The trouble is that when you or I make a split second decision we (if we survive) can tell the investigators, courts and jury that it was a split second decision or impulsive response - and the humans we are talking to will probably accept an error in judgement.

Cost tables make the decision premeditated. The corporation decides who to kill? If an accident is calculated to be 100% unavoidable would the AI run a vehicle with one occupant off the road and into a tree (hoping that the airbag and other safety systems would protect the passenger) instead of hitting a group of pedestrians?
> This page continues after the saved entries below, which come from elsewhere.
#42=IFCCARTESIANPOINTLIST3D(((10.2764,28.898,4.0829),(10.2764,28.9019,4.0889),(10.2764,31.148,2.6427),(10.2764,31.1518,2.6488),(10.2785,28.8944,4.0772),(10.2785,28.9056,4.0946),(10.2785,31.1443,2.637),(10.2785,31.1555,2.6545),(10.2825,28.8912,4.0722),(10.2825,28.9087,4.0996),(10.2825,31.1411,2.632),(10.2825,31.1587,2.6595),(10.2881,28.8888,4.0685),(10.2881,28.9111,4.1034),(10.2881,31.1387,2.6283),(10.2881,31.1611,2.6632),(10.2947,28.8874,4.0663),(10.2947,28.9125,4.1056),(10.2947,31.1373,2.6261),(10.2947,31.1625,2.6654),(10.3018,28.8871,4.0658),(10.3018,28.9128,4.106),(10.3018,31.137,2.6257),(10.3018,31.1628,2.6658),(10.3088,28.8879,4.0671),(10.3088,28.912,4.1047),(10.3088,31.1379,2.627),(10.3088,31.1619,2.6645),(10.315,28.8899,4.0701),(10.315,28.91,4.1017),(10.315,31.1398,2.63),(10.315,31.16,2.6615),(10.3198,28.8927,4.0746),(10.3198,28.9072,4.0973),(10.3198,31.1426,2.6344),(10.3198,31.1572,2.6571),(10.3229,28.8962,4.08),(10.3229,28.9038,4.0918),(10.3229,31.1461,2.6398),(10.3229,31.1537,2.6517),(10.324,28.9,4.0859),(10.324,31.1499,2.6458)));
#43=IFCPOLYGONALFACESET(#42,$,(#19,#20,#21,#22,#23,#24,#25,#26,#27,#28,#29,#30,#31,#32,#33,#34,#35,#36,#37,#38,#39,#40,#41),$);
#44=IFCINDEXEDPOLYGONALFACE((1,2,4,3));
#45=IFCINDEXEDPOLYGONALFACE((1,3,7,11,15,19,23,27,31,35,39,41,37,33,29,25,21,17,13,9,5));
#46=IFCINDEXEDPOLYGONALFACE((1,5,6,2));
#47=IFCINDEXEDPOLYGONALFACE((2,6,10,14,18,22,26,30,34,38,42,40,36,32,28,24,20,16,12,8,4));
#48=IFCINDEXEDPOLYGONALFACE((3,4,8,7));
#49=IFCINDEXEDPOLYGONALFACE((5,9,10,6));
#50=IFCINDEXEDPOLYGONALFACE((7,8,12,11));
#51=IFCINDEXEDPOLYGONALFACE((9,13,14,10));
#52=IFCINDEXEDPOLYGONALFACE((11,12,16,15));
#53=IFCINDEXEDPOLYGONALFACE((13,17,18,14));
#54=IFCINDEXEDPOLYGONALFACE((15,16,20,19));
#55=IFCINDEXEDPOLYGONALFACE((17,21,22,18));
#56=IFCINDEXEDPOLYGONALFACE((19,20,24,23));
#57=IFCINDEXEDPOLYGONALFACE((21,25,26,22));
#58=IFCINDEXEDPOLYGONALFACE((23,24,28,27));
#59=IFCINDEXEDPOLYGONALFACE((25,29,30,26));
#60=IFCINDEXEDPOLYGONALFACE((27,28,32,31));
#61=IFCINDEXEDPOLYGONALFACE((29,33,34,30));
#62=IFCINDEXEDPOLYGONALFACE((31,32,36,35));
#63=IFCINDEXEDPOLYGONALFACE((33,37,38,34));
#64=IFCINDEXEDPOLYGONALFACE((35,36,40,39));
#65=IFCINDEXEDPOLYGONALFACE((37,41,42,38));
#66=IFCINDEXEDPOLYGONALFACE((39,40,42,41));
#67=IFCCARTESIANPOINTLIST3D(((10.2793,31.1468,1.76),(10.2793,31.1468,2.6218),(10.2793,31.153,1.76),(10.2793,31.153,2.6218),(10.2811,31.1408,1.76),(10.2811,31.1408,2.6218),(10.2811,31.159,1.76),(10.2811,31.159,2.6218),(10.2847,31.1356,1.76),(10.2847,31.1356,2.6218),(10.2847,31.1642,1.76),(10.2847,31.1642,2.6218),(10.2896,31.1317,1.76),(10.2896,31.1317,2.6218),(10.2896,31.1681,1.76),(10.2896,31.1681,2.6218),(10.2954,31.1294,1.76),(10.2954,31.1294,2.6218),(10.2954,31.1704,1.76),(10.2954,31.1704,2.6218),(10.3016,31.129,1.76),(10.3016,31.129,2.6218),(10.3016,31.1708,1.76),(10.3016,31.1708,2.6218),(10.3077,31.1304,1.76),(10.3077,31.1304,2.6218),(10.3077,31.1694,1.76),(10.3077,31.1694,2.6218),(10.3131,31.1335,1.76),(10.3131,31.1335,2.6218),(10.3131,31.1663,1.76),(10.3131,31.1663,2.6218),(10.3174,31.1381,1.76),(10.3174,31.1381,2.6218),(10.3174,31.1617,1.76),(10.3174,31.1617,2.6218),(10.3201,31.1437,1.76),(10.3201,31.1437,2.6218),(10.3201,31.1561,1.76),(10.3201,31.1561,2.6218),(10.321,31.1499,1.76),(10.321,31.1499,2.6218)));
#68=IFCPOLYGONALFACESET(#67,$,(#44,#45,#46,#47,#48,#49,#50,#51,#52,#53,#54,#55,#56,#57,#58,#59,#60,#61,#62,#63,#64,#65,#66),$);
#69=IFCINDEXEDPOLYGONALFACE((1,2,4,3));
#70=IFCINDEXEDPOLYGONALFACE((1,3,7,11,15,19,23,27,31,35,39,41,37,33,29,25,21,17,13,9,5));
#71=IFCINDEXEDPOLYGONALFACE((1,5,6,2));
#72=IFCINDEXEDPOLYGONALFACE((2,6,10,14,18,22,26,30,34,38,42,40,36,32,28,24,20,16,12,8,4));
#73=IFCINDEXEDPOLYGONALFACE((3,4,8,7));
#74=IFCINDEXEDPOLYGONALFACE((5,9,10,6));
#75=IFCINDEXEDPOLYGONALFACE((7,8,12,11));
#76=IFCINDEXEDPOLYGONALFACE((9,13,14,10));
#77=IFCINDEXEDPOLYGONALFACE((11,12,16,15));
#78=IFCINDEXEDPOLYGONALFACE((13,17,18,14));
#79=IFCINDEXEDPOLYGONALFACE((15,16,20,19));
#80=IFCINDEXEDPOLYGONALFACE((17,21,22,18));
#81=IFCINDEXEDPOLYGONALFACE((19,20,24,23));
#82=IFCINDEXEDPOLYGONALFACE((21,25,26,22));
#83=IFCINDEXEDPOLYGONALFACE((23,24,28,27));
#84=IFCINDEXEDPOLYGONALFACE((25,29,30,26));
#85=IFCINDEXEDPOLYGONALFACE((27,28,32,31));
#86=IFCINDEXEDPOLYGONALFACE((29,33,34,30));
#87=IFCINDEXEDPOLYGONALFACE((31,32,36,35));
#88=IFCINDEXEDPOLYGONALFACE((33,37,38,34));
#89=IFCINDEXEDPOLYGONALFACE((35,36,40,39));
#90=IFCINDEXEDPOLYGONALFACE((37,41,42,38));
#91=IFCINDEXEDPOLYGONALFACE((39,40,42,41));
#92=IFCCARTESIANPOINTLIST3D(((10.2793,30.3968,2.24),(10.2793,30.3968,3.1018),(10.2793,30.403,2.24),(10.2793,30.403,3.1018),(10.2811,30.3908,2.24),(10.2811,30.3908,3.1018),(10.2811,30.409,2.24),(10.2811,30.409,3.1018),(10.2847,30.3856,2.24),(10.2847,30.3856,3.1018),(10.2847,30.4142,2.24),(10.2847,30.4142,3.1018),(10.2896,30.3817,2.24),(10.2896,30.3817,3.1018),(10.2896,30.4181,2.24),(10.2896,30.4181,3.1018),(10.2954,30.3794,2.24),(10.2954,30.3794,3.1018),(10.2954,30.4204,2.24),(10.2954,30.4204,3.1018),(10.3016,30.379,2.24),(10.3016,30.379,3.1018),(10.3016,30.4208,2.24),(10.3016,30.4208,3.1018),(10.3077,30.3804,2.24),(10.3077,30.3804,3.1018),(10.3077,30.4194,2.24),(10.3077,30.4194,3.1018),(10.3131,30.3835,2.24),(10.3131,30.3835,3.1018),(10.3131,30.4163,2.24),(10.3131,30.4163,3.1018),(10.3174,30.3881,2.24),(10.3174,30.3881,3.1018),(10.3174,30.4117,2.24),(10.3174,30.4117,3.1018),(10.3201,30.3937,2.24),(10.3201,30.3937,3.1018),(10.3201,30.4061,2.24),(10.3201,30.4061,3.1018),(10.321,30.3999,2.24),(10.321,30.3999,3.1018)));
The AI should not know the identities of the potential victims and calculate the value of each life as suggested in the original article. But if it did, how would people feel about a company that set a value on each human life then decided who lived based on the cost? An AI that calculates that if they hit person A the monetary loss would be more than if they hit person B. Based solely on statistics, person A's future earnings is higher than person B. Should the cost table include political and PR costs? The AI swerved to avoid a group of children and killed a person working on a cure for cancer (their research died with them). I'd rather the AI didn't know.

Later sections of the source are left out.